Sejarah Soto Banjar Hasil Dari Kolaborasi Budaya

Setiap daerah di Indonesia memiliki kuliner khas daerahnya masing-masing. Termasuk suku Banjar, Kalimantan Selatan, memiliki makanan khasnya sendiri, salah satunya yaitu Soto Banjar. Soto Banjar merupakan soto khas suku Banjar, Kalimantan Selatan. Suku ini termasuk ke dalam suku yang besar di Kalimantan.

Jika dilihat dari penampilannya, semangkuk soto Banjar sekilas tampak mirip dengan ragam soto lainnya, terutama dari segi isian. Tetapi ada beberapa ciri khas yang membuat hidangan berkuah gurih ini lebih spesial. Kuliner ini memang terkenal dengan kuatnya cita rasa dari rempah yang digunakan.

Sejarah Soto Banjar
Kuliner soto bukan asli Indonesia, melainkan kuliner ini datang ke Indonesia dibawa oleh orang China. Penyebutan nama soto ada berbagai macam versi. Ada yang menyebut sebagai jao to, shao du, dan zhu du. Ketiga nama ini memiliki inti yang sama, yaitu menggunakan jeroan sebagai bahan dasar makanan. Karena kuliner yang berakhir ‘do; atau ‘to’ memiliki arti ‘jeroan’.

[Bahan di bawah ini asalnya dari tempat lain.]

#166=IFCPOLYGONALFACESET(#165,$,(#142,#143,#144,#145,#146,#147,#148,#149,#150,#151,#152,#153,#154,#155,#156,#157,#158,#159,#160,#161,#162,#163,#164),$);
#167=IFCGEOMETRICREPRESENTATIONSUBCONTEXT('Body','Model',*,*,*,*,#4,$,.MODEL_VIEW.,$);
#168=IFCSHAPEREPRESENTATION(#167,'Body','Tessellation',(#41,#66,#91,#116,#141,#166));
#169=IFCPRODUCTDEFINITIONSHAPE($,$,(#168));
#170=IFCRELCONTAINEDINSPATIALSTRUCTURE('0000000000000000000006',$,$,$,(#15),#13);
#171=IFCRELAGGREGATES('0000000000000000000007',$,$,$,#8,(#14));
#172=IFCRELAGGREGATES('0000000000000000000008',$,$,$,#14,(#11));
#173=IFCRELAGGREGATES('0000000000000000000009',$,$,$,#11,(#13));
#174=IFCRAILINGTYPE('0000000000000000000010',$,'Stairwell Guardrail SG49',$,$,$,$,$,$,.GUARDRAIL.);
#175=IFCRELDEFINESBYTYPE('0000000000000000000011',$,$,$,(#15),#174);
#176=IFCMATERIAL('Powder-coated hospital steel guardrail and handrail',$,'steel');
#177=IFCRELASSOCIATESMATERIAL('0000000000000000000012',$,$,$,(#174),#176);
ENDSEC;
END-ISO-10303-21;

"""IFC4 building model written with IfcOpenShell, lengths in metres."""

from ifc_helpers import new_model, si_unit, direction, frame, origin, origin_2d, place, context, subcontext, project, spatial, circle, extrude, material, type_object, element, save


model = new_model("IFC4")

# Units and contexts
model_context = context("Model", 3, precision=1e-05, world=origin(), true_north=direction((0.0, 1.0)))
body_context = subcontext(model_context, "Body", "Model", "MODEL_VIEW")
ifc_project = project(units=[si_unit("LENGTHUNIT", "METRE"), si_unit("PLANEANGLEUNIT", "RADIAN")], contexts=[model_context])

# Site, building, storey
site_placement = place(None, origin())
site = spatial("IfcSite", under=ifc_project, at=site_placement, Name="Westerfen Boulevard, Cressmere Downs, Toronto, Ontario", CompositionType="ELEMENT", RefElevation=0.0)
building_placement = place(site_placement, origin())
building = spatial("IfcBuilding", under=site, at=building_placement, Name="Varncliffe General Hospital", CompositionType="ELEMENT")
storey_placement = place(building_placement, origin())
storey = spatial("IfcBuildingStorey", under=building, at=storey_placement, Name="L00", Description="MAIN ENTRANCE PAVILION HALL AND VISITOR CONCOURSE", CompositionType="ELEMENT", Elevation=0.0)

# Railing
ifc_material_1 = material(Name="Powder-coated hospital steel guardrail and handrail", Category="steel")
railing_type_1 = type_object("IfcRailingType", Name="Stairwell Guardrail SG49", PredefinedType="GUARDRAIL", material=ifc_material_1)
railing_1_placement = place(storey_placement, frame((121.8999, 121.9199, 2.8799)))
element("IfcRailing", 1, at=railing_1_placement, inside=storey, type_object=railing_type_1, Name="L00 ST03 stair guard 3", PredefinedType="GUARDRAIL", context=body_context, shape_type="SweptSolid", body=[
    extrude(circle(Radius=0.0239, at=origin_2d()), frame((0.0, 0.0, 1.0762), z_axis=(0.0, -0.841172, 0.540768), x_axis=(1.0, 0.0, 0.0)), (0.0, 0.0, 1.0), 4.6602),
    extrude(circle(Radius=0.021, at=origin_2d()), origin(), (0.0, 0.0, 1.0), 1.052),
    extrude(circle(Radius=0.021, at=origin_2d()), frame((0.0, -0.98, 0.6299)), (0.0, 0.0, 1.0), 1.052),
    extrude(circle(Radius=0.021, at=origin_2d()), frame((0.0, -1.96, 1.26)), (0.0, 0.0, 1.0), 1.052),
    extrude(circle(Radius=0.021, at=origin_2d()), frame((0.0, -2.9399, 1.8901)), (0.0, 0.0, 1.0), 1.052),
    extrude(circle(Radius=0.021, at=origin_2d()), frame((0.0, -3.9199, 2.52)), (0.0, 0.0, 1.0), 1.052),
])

Perkembangan soto di Indonesia sebagian besar berangkat dari jalur perdagangan laut, Java Sea Zone. Kawasan ini meliputi jalur Pantai Utara Jawa, Pesisir Selatan Kalimantan, dan Sulawesi. Banjar adalah salah satu daerah yang juga banyak didatangi oleh para pedagang yang masuk ke Indonesia melalui jalur laut. Hadirnya pelancong China di Tanah Banjar membuat kuliner soto mulai dikenal oleh masyarakat Banjar. Soto yang dibawa oleh orang China kemudian ditiru, dimodifikasi, dan dicocokkan dengan lidah orang Indonesia.

Selain orang China, ada juga bangsa asing lain yang datang dan menetap di tanah Banjar. Mereka adalah orang Belanda, Arab, dan India. Perkumpulan bangsa asing ini kebanyakan menetap di daerah bernama Tatas. Dari sanalah pertemuan berbagai budaya mulai mempengaruhi aspek-aspek yang ada di Tanah Banjar, salah satunya kuliner soto. Karena hal itu salah satunya yang mendukung terjadinya evolusi bumbu.

Kuliner sup khas Belanda yang berasal dari bangsa Belanda membawa pengaruh berupa kuah kaldu soto yang bening, menggunakan daun seledri, potongan wortel, kentang, dan tambahan perkedel.

Budaya India, membawa pengaruh dari makanan berbumbu kental seperti kare. Dalam hal ini direpresntasikan soto banjar kuah kental yang menggunakan susu evaporasi.

Bangsa Arab membawa pengaruh berupa penambahan rempah, cengkeh, adas, dan kayu manis. Kehadiran ragam budaya tersebut kemudian bertemu dengan budaya Banjar yang menambahkan cita rasa lemak dari kaldu dan susu, serta cita rasa agak manis yang berasal dari kayu manis.

Dari perpaduan antar budaya tersebut maka terciptalah sajian soto Banjar yang kerap kita jumpai ketika berkunjung ke daerah Banjar, Kalimantan Selatan.